Symmetry transformation group arising from the Laplace-Runge-Lenz vector

TL;DR

This paper derives the symmetry group associated with the direction of the Laplace-Runge-Lenz vector in the Kepler problem, revealing a semi-direct product structure different from the traditional SO(4) symmetry.

Contribution

It explicitly formulates the infinitesimal dynamical symmetry related to the LRL vector's direction and identifies the resulting symmetry group as a semi-direct product of SO(3) and R^3.

Findings

The symmetry group is the semi-direct product of SO(3) and R^3.

The explicit form of the symmetry transformations is obtained.

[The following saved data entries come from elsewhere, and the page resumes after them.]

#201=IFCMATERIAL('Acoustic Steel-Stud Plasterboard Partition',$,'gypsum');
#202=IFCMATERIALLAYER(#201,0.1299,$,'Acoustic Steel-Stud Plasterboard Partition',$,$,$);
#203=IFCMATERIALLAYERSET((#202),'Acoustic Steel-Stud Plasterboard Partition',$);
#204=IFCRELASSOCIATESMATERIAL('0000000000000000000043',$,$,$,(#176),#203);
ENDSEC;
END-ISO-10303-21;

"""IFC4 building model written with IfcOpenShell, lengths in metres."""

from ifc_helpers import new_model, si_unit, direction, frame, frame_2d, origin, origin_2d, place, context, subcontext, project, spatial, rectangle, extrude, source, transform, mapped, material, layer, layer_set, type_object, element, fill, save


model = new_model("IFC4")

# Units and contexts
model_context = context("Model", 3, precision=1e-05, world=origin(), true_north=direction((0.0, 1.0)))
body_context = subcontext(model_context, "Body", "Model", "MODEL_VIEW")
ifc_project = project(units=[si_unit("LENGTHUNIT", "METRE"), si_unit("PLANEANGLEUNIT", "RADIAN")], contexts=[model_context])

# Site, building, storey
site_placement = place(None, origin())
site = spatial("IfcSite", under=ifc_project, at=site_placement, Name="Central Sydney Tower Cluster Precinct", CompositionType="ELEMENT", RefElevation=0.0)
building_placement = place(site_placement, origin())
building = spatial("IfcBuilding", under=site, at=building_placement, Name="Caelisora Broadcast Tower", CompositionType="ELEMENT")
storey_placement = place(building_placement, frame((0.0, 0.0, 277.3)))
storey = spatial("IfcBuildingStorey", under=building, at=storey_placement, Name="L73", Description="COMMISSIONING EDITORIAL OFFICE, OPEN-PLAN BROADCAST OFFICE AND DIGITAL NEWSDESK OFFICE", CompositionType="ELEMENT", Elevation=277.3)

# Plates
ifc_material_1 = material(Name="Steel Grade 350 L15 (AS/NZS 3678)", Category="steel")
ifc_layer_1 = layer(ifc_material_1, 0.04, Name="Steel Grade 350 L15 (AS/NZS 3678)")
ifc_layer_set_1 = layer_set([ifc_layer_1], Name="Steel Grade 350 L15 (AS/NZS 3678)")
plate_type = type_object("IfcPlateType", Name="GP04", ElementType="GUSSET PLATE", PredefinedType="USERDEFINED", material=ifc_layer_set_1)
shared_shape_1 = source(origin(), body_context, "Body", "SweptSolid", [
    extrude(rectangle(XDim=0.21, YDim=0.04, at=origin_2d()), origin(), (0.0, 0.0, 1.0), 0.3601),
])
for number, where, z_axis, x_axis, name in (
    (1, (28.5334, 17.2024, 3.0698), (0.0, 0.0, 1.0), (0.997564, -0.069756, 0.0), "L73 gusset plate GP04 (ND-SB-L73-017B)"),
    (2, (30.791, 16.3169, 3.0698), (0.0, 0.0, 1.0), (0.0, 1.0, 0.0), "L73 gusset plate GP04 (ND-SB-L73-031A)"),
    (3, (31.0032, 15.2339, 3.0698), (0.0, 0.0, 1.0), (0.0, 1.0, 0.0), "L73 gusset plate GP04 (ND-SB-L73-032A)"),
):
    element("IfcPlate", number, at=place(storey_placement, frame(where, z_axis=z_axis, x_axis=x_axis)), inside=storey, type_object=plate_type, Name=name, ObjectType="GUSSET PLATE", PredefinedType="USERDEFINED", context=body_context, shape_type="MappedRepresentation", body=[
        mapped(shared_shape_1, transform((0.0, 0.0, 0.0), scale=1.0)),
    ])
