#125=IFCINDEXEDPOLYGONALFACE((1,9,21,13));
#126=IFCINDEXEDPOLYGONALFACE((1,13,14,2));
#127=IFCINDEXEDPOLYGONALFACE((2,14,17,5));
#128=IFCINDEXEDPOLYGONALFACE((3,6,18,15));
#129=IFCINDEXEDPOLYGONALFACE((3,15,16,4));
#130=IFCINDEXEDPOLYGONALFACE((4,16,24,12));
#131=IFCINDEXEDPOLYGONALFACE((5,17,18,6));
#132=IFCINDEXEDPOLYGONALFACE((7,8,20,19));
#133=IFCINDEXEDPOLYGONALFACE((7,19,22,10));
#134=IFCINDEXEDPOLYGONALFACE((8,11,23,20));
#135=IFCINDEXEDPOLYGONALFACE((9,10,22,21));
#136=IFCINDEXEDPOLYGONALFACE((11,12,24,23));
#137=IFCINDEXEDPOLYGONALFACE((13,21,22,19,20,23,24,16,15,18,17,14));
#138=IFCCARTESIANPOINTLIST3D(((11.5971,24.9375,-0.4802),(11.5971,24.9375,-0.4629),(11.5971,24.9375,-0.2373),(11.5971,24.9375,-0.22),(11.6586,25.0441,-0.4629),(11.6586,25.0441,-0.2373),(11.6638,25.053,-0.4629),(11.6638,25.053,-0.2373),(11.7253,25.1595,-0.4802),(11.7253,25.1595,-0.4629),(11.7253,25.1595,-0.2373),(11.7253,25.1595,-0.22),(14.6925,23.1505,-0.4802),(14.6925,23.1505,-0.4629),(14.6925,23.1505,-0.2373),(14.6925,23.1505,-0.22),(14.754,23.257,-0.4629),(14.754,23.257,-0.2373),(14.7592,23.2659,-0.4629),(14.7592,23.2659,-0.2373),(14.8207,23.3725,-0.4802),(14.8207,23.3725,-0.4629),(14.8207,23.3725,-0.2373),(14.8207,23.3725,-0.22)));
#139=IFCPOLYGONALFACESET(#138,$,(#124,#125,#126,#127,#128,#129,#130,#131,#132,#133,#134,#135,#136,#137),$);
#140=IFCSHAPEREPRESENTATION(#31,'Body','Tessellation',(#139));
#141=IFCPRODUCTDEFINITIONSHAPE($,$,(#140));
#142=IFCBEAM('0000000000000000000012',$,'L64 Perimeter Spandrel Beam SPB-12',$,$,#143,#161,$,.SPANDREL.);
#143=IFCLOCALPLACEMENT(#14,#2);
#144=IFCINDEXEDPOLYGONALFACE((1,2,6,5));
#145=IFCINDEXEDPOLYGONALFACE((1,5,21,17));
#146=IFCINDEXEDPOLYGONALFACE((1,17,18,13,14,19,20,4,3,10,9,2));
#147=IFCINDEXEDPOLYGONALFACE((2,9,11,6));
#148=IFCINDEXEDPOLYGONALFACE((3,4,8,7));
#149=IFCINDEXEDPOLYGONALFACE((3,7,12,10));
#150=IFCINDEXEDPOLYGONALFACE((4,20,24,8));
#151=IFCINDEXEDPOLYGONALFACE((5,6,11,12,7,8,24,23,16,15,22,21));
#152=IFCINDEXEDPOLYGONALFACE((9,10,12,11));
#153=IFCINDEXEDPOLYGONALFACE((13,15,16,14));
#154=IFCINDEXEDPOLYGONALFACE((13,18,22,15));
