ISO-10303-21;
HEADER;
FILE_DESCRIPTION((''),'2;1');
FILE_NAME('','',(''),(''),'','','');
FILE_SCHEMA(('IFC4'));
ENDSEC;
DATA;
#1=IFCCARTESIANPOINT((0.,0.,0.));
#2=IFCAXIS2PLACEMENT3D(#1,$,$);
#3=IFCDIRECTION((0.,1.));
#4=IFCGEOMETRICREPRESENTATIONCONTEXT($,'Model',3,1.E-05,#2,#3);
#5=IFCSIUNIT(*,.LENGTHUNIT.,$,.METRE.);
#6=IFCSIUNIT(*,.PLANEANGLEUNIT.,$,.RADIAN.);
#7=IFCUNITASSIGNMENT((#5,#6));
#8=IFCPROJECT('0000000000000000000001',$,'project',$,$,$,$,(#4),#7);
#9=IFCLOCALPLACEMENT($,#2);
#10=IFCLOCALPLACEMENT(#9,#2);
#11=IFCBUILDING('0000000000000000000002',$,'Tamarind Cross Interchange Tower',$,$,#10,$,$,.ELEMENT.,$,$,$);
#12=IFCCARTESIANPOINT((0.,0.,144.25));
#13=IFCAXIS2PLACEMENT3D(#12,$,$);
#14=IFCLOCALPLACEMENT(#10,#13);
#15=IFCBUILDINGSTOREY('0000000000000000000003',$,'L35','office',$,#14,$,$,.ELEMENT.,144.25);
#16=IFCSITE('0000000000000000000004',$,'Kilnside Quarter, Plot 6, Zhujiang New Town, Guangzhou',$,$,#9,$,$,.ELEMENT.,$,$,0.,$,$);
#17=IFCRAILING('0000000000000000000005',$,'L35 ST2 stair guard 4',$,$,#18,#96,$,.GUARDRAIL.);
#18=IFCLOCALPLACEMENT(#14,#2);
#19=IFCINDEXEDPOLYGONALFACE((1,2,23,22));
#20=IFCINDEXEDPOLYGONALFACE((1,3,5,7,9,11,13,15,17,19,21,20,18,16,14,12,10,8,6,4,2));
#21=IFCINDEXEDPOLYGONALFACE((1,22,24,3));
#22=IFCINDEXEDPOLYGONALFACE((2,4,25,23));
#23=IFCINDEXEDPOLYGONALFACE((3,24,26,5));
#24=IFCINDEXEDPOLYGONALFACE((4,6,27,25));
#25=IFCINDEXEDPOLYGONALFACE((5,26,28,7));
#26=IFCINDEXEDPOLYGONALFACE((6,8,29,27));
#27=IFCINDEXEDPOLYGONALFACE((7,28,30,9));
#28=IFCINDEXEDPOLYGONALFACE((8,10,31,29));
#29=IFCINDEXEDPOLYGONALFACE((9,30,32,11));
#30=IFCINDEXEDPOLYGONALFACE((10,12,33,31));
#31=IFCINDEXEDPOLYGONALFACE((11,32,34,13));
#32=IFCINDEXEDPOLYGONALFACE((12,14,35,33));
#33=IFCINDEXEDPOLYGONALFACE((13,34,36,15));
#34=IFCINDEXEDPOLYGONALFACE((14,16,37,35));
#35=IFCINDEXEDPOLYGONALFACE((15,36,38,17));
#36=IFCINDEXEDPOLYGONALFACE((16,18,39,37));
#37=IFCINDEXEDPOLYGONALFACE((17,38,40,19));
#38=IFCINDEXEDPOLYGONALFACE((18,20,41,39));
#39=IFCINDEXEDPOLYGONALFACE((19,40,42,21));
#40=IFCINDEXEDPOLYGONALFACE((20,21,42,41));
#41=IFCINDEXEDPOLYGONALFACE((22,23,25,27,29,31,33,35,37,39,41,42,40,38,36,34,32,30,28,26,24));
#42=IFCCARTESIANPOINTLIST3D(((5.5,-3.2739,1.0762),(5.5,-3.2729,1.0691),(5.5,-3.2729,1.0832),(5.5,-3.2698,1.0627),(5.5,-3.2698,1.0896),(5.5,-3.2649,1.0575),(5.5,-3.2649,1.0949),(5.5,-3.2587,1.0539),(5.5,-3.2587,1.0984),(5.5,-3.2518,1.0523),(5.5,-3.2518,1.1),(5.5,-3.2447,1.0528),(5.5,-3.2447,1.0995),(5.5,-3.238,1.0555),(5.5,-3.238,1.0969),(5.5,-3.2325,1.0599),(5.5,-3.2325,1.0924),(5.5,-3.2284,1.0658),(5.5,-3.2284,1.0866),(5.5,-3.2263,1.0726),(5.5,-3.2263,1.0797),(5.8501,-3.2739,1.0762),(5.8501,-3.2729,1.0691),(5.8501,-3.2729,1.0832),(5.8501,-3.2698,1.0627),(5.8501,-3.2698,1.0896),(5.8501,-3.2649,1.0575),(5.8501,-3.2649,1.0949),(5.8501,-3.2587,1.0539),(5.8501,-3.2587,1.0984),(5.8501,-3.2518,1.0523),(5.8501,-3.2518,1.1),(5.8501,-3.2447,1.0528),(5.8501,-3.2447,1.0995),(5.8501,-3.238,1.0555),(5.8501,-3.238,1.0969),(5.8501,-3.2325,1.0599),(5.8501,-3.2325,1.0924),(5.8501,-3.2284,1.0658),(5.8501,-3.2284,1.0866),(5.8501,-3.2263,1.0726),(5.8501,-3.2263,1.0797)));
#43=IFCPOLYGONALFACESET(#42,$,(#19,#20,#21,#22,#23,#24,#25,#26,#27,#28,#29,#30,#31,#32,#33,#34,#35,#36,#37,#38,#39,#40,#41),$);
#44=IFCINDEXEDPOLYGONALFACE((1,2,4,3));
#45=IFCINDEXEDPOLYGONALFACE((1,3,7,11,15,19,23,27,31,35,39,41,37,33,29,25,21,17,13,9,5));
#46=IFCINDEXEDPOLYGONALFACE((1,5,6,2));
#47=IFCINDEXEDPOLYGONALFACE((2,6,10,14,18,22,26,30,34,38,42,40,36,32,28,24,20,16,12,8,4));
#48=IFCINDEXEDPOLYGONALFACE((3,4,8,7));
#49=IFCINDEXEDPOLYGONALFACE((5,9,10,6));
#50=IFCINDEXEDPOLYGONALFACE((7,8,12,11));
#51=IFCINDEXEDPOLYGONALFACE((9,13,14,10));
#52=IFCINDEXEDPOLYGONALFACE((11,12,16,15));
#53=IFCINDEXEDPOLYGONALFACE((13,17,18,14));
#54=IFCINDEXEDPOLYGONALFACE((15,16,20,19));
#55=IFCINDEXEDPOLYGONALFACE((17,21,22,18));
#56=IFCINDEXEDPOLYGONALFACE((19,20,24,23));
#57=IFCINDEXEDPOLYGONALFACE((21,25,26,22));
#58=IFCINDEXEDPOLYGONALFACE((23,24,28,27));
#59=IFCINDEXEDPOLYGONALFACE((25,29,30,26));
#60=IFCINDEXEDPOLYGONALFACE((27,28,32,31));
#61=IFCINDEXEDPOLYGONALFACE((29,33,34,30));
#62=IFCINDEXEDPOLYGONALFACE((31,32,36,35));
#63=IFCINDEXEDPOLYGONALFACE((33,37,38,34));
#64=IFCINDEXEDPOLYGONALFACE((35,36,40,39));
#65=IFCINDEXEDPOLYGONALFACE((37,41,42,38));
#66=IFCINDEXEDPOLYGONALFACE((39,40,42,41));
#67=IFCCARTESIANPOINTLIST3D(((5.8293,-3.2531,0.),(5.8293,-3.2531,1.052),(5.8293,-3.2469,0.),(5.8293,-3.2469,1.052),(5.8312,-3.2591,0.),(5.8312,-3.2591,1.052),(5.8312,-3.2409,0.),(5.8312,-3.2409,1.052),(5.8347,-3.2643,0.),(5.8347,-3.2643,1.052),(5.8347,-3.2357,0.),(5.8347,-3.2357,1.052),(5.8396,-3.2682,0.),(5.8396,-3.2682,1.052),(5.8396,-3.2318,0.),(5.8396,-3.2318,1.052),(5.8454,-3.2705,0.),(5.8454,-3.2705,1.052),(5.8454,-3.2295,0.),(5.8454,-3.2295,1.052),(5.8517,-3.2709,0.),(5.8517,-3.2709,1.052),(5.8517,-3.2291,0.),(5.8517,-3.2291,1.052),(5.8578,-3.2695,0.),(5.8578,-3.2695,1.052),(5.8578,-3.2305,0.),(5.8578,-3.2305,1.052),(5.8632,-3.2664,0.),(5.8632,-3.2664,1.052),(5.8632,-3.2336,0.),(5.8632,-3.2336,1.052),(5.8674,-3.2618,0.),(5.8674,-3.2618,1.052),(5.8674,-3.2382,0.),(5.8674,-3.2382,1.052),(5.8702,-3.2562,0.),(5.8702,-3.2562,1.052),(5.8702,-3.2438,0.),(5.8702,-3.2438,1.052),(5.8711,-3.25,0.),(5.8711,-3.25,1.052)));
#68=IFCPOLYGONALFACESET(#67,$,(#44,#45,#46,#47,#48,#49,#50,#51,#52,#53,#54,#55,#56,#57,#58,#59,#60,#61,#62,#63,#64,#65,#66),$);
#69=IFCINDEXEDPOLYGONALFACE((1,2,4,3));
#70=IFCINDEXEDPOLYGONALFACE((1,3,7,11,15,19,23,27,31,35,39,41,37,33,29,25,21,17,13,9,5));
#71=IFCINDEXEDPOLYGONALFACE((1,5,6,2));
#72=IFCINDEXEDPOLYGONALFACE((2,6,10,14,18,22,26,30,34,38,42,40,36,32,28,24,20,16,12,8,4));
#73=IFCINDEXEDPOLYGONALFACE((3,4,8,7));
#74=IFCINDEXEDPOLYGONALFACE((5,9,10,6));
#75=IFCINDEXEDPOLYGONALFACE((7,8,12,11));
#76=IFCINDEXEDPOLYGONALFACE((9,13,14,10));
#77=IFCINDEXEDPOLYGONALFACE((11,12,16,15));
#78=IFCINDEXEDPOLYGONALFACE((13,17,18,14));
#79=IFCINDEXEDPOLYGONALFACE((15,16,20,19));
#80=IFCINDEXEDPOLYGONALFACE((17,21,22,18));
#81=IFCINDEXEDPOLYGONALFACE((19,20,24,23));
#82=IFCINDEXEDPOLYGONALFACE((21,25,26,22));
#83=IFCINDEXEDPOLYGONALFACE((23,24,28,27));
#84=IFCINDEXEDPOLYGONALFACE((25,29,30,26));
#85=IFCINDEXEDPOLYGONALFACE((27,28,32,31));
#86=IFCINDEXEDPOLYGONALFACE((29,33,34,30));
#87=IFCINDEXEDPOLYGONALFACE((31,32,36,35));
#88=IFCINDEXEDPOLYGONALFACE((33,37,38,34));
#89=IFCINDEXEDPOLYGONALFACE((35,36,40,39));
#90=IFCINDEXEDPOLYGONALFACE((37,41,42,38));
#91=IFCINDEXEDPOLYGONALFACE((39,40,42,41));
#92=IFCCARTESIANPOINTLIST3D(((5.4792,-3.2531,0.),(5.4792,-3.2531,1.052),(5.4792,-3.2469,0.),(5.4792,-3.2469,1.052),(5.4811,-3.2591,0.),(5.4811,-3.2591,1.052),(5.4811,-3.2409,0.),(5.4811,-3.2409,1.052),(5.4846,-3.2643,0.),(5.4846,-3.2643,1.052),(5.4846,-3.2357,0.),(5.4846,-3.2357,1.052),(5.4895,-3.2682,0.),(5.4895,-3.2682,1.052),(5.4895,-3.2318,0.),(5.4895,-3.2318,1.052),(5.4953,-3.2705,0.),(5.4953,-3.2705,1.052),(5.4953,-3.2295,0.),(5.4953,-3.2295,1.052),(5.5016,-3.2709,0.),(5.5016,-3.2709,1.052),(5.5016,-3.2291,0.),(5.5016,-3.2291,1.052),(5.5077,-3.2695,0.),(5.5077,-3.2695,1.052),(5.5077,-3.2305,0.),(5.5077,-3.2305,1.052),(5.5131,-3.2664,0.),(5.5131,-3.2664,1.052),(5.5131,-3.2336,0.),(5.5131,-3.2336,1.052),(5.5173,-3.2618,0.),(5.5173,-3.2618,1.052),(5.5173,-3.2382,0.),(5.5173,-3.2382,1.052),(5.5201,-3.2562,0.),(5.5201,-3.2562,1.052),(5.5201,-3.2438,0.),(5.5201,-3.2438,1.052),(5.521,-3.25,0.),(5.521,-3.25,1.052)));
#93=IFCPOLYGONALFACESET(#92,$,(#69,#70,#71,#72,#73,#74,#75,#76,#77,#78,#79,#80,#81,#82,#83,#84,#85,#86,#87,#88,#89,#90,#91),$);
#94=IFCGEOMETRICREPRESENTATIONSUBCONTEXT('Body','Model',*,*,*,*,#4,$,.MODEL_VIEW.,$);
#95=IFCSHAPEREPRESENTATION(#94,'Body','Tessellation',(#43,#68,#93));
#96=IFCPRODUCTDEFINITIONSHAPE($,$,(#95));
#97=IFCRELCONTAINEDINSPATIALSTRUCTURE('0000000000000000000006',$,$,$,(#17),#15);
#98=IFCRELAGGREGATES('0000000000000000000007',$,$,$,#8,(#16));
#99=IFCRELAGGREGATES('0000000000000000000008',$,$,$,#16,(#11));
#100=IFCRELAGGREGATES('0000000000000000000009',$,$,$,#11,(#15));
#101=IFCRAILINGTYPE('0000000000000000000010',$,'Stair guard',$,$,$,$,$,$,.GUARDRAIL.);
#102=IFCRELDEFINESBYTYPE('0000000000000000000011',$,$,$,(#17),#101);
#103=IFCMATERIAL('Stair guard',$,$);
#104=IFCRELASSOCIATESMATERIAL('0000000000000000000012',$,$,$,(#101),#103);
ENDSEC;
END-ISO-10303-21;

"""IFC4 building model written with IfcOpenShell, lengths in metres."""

from ifc_helpers import new_model, si_unit, direction, frame, origin, origin_2d, place, context, subcontext, project, spatial, circle, extrude, material, type_object, element, save


model = new_model("IFC4")

# Units and contexts
model_context = context("Model", 3, precision=1e-05, world=origin(), true_north=direction((0.0, 1.0)))
body_context = subcontext(model_context, "Body", "Model", "MODEL_VIEW")
ifc_project = project(units=[si_unit("LENGTHUNIT", "METRE"), si_unit("PLANEANGLEUNIT", "RADIAN")], contexts=[model_context])

# Site, building, storey
site_placement = place(None, origin())
site = spatial("IfcSite", under=ifc_project, at=site_placement, Name="Kilnside Quarter, Plot 6, Zhujiang New Town, Guangzhou", CompositionType="ELEMENT", RefElevation=0.0)
building_placement = place(site_placement, origin())
building = spatial("IfcBuilding", under=site, at=building_placement, Name="Tamarind Cross Interchange Tower", CompositionType="ELEMENT")
storey_placement = place(building_placement, frame((0.0, 0.0, 144.25)))
storey = spatial("IfcBuildingStorey", under=building, at=storey_placement, Name="L35", Description="office", CompositionType="ELEMENT", Elevation=144.25)

# Railing
ifc_material_1 = material(Name="Stair guard")
railing_type_1 = type_object("IfcRailingType", Name="Stair guard", PredefinedType="GUARDRAIL", material=ifc_material_1)
railing_1_placement = place(storey_placement, frame((5.8501, -3.25, 0.0)))
element("IfcRailing", 1, at=railing_1_placement, inside=storey, type_object=railing_type_1, Name="L35 ST2 stair guard 4", PredefinedType="GUARDRAIL", context=body_context, shape_type="SweptSolid", body=[
    extrude(circle(Radius=0.0239, at=origin_2d()), frame((0.0, 0.0, 1.0762), z_axis=(-1.0, 0.0, 0.0), x_axis=(0.0, -1.0, 0.0)), (0.0, 0.0, 1.0), 0.3501),
    extrude(circle(Radius=0.021, at=origin_2d()), origin(), (0.0, 0.0, 1.0), 1.052),
    extrude(circle(Radius=0.021, at=origin_2d()), frame((-0.3501, 0.0, 0.0)), (0.0, 0.0, 1.0), 1.052),
])

save(model, "model.ifc")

The action of these symmetries on conserved quantities is characterized.

Abstract

The Kepler problem in classical mechanics exhibits a rich structure of conserved quantities, highlighted by the Laplace--Runge--Lenz (LRL) vector. Through Noether's theorem in reverse, the LRL vector gives rise to a corresponding infinitesimal dynamical symmetry on the kinematical variables, which is well known in the literature. However, the physically relevant part of the LRL vector is its direction angle in the plane of motion (since its magnitude is just a function of energy and angular momentum). The present work derives the infinitesimal dynamical symmetry corresponding to the direction part of the LRL vector, and obtains the explicit form of the symmetry transformations that it generates. When combined with the rotation symmetries,the resulting symmetry group is shown to be the semi-direct product of $SO(3)$ and $R^3$. This stands in contrast to the $SO(4)$ symmetry group generated by the LRL symmetries and the rotations. As a by-product, the action of the new infinitesimal symmetries on all of the conserved quanties is obtained. The results are given in terms of the physical kinematical variables in the Kepler problem, rather than in an enlarged auxiliary space in which the LRL symmetries are usually stated.